We can gain some insights into how the random forest is getting this performance by looking at the feature importances. 

In [None]:
model = RandomForestClassifier(random_state=0, n_estimators=20)
model.fit(x, y_class)
plt.subplots(figsize=(16, 16))
sns.barplot(model.feature_importances_, list(x.columns), orient="h")
plt.xlabel("Feature importance");

We will now look at the random forest for the regression task.

In [None]:
model = RandomForestRegressor(random_state=0, max_depth=max_depth_reg)

gs = GridSearchCV(
    model,
    param_grid={"n_estimators": range(1, 20, 2)},
    return_train_score=True,
    scoring="neg_mean_squared_error",
    cv=kfold,
    n_jobs=8,
)
gs.fit(x, y_reg)
plot_grid_search_results(gs)
plt.ylabel("-MSE");

With the same max depth, we see that the performance has substantially improved. A test MSE of < 1eV is now possible but again, we see quite a bit of overfitting. Let's try to gain some insight into the base decision tree being used with 10 estimators.

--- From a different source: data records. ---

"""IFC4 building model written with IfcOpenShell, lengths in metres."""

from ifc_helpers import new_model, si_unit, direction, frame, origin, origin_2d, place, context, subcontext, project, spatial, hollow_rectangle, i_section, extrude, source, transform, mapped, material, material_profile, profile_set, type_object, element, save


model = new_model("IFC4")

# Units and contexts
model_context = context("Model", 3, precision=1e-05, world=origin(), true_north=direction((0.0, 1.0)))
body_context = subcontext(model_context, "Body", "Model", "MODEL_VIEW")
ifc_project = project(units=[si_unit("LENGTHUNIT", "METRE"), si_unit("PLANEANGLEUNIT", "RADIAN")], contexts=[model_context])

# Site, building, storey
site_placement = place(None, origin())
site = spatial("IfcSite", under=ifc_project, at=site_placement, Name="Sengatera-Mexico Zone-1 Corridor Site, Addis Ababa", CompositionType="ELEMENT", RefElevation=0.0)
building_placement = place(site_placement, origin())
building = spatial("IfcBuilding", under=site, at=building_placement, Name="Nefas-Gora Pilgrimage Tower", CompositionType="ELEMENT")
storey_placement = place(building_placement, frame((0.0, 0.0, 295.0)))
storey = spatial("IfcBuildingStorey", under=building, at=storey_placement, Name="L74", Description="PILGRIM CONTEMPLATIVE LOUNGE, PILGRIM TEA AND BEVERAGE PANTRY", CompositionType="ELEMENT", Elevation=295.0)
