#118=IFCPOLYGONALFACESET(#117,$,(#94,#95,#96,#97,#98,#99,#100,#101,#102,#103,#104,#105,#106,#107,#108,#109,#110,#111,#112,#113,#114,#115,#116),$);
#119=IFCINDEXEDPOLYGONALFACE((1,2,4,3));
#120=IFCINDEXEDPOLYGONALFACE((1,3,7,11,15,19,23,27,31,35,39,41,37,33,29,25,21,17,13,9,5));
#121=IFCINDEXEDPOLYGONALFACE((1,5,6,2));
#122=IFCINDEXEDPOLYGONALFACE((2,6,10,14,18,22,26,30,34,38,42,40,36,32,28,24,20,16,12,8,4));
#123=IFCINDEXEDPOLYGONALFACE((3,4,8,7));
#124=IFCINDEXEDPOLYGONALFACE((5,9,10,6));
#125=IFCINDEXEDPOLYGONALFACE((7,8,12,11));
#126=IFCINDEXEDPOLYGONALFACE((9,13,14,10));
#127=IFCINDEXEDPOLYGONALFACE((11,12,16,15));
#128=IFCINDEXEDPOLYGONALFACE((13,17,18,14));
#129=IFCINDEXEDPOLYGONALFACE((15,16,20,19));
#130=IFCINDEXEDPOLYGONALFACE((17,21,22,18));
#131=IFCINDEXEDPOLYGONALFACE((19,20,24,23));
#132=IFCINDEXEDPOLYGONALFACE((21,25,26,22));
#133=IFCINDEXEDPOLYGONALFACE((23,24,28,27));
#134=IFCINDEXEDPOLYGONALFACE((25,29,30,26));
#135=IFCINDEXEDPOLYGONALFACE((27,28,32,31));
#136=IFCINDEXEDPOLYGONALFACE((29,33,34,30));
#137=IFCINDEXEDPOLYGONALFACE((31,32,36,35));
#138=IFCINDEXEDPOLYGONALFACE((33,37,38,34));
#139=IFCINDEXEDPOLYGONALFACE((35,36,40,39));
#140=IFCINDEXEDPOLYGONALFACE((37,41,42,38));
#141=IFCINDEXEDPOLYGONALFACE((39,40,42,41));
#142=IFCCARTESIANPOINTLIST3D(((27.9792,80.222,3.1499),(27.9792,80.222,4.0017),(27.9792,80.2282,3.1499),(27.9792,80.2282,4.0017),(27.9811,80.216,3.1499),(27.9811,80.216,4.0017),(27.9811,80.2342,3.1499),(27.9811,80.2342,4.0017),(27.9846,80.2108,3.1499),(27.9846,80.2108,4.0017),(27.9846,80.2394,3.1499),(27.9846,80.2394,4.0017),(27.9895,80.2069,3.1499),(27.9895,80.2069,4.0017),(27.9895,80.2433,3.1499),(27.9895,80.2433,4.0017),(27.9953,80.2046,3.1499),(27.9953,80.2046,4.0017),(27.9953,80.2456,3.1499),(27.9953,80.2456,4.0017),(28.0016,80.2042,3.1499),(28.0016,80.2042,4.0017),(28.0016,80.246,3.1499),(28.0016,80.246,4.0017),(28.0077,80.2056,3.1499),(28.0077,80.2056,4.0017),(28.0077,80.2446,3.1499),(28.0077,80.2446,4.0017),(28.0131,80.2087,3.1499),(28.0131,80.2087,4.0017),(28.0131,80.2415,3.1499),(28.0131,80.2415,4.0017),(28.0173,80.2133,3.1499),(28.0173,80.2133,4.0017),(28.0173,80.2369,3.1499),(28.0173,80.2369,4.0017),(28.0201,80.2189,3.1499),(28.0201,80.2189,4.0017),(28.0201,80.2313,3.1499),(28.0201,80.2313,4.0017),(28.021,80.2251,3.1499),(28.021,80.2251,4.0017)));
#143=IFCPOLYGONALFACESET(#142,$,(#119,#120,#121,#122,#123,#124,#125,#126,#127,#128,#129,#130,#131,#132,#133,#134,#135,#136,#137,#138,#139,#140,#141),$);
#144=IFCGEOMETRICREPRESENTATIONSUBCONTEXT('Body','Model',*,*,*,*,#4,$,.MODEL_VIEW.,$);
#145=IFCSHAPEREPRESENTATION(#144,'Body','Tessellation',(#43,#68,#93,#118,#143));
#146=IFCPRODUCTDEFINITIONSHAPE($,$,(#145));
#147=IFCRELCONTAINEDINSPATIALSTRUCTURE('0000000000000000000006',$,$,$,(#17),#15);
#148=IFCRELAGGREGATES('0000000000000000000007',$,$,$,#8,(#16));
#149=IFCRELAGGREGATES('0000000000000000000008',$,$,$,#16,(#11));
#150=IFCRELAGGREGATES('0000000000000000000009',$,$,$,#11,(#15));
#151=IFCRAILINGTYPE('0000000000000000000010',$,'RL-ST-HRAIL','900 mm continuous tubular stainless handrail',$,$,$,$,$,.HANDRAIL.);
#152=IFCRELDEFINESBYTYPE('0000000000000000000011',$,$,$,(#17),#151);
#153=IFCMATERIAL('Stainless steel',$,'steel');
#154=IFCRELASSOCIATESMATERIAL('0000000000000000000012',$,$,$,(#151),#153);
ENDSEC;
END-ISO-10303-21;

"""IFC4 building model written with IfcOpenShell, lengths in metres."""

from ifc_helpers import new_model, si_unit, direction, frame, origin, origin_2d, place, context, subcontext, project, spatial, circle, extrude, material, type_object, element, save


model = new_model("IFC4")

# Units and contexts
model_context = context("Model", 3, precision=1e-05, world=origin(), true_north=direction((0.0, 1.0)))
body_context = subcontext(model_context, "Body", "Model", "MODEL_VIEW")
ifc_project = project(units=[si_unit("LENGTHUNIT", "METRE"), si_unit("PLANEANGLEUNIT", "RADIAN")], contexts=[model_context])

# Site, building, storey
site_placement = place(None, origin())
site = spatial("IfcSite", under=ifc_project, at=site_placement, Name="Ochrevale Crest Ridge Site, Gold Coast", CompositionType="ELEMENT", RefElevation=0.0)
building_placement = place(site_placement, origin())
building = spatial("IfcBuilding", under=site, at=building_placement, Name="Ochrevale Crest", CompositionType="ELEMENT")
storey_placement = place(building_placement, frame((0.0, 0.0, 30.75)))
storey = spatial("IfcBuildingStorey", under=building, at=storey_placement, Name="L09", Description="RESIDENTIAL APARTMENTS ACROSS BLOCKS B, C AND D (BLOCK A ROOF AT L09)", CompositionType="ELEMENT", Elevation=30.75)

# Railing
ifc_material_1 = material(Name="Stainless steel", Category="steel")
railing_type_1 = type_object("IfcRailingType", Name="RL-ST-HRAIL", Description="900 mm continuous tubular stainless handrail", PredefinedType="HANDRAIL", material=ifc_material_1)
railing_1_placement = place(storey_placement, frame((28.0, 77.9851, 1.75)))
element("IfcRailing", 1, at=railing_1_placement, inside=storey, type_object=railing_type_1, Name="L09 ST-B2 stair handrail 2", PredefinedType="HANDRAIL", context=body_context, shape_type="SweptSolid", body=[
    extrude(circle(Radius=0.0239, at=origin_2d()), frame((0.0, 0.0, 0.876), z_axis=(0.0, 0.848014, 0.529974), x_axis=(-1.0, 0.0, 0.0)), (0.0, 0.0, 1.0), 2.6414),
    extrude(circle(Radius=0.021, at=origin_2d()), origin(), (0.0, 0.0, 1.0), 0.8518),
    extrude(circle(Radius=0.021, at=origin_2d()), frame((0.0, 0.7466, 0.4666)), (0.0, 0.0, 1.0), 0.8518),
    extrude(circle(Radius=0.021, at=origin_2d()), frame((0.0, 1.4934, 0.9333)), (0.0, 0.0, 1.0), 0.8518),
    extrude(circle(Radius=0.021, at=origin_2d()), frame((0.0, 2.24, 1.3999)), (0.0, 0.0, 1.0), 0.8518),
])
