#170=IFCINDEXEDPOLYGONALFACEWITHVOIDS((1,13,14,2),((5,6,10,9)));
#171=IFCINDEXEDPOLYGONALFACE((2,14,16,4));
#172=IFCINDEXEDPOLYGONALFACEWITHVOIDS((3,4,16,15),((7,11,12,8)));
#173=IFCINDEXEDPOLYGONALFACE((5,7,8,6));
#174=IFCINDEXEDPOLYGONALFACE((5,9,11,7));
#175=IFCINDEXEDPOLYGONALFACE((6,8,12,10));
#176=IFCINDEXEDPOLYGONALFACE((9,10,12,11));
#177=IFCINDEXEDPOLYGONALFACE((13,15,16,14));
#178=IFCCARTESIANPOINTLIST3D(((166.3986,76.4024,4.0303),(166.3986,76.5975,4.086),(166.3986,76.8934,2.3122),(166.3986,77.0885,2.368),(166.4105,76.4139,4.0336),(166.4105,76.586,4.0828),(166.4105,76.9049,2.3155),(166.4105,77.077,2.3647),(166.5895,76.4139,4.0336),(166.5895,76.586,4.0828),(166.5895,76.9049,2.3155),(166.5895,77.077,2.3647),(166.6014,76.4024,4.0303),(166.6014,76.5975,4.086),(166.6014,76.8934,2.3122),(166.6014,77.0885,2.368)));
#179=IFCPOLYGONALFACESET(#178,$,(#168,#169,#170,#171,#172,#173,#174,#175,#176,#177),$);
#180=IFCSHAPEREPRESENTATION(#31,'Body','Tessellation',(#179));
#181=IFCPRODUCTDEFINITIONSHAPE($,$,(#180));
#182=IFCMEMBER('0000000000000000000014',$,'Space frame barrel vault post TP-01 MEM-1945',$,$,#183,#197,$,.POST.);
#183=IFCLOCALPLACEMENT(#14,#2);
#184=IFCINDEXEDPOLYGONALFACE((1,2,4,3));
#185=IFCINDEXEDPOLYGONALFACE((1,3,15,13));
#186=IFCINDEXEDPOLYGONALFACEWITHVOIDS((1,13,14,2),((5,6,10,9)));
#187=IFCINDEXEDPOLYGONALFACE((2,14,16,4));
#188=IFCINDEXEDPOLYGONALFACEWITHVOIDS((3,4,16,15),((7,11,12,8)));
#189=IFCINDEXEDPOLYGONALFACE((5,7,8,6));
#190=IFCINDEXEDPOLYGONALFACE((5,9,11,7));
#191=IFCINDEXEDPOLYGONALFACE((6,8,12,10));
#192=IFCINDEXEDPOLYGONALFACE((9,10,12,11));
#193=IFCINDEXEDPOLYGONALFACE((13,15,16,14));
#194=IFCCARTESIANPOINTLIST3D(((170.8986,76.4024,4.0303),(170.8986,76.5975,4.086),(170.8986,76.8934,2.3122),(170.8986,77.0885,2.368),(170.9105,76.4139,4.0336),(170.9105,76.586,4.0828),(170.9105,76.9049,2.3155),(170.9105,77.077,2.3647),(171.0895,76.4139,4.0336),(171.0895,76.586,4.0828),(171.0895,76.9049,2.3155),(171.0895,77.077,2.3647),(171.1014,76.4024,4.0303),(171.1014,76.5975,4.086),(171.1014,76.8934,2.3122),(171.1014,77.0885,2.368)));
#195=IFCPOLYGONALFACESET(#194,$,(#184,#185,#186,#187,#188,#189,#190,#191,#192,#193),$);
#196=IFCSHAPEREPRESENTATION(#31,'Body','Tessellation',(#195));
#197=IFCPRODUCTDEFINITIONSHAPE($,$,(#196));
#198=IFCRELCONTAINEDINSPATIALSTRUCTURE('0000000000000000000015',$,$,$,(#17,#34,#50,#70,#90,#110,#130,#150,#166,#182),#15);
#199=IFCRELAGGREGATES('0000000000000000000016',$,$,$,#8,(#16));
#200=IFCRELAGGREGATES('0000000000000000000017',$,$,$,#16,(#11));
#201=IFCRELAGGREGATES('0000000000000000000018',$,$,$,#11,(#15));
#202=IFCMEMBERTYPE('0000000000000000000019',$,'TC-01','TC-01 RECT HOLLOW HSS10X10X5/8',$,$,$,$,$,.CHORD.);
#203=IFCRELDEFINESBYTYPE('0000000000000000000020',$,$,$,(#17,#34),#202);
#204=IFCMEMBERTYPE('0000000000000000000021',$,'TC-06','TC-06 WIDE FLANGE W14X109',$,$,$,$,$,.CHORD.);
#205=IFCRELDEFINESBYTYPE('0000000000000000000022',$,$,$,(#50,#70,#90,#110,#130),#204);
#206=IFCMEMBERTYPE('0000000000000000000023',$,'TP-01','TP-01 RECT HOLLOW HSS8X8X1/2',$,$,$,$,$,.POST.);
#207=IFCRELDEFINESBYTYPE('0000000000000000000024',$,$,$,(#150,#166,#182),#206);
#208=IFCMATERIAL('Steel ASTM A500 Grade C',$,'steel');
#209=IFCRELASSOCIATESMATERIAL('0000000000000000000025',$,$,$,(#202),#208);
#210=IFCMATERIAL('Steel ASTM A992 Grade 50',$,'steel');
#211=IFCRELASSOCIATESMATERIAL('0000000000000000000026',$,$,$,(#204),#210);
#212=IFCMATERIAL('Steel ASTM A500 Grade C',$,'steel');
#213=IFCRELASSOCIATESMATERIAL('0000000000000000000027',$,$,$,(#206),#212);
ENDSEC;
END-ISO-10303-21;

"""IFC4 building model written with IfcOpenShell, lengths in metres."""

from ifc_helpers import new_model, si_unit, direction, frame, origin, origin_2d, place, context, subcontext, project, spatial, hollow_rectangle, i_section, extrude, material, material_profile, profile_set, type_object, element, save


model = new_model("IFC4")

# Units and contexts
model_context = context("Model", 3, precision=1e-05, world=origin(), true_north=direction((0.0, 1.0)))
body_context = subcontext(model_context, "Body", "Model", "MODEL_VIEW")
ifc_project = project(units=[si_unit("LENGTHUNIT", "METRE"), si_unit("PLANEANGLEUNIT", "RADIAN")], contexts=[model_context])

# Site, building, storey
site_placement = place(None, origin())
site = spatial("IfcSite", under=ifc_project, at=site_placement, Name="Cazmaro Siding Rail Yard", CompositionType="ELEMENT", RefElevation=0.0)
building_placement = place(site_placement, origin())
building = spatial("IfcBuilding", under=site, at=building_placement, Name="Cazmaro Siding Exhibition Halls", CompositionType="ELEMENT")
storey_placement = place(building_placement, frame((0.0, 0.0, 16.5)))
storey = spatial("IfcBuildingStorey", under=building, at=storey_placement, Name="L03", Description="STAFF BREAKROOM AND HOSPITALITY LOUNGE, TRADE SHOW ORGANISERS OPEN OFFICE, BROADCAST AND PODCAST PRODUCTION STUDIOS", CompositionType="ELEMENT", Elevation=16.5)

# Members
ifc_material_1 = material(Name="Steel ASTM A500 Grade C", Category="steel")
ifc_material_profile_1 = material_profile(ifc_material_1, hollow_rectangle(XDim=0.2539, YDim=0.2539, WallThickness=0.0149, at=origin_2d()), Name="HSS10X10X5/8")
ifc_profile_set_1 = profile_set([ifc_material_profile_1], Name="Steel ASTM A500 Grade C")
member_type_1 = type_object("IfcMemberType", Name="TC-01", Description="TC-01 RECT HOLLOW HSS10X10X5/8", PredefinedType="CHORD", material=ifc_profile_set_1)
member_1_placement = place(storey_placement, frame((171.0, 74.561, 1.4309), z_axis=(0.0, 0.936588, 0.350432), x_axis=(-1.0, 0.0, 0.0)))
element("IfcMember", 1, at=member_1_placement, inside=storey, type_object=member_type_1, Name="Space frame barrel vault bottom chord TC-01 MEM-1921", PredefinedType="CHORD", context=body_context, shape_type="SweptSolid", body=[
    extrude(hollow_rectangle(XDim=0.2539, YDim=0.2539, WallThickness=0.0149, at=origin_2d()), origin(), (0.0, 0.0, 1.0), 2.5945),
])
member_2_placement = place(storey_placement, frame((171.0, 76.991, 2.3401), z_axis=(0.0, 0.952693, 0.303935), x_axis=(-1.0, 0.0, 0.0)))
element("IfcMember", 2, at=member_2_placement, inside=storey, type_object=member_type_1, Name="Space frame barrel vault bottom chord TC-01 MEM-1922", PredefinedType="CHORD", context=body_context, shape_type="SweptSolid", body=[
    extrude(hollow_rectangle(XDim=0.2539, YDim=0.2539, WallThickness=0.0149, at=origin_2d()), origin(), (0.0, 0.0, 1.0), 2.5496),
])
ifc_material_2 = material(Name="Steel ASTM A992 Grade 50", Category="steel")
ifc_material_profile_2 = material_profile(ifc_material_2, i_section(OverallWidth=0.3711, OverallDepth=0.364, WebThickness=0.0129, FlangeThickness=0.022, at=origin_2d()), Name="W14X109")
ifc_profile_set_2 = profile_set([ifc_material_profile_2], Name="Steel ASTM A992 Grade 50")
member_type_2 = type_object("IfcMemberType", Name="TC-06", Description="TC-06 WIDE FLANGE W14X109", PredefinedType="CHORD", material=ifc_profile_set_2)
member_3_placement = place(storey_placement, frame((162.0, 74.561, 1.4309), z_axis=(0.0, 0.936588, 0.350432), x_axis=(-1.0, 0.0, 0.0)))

While you can try to further tweak he model by setting parameters like `min_samples leaf`, a simpler approach is to just let the algorithm automatically prune the tree by setting the $\alpha$ parameter.

In [None]:
model = RandomForestRegressor(random_state=0, max_depth=15, n_estimators=10)

gs = GridSearchCV(
    model,
    param_grid={"ccp_alpha": [1e-5, 1e-4, 1e-3, 1e-2, 1e-1]},
    return_train_score=True,
    scoring="neg_mean_squared_error",
    cv=kfold,
    n_jobs=8,
)
gs.fit(x, y_reg)
plot_grid_search_results(gs)
plt.ylabel("-MSE")
plt.xscale("log")

Quite clearly, there is a tradeoff between tree complexity, MSE and overfitting. At high $\alpha > 1e-3$, there is minimal overfitting but the best we can do is an MSE of around 1.2 eV or more. The less the overfitting, the more confidence we have about the model being generalizable to future unseen data.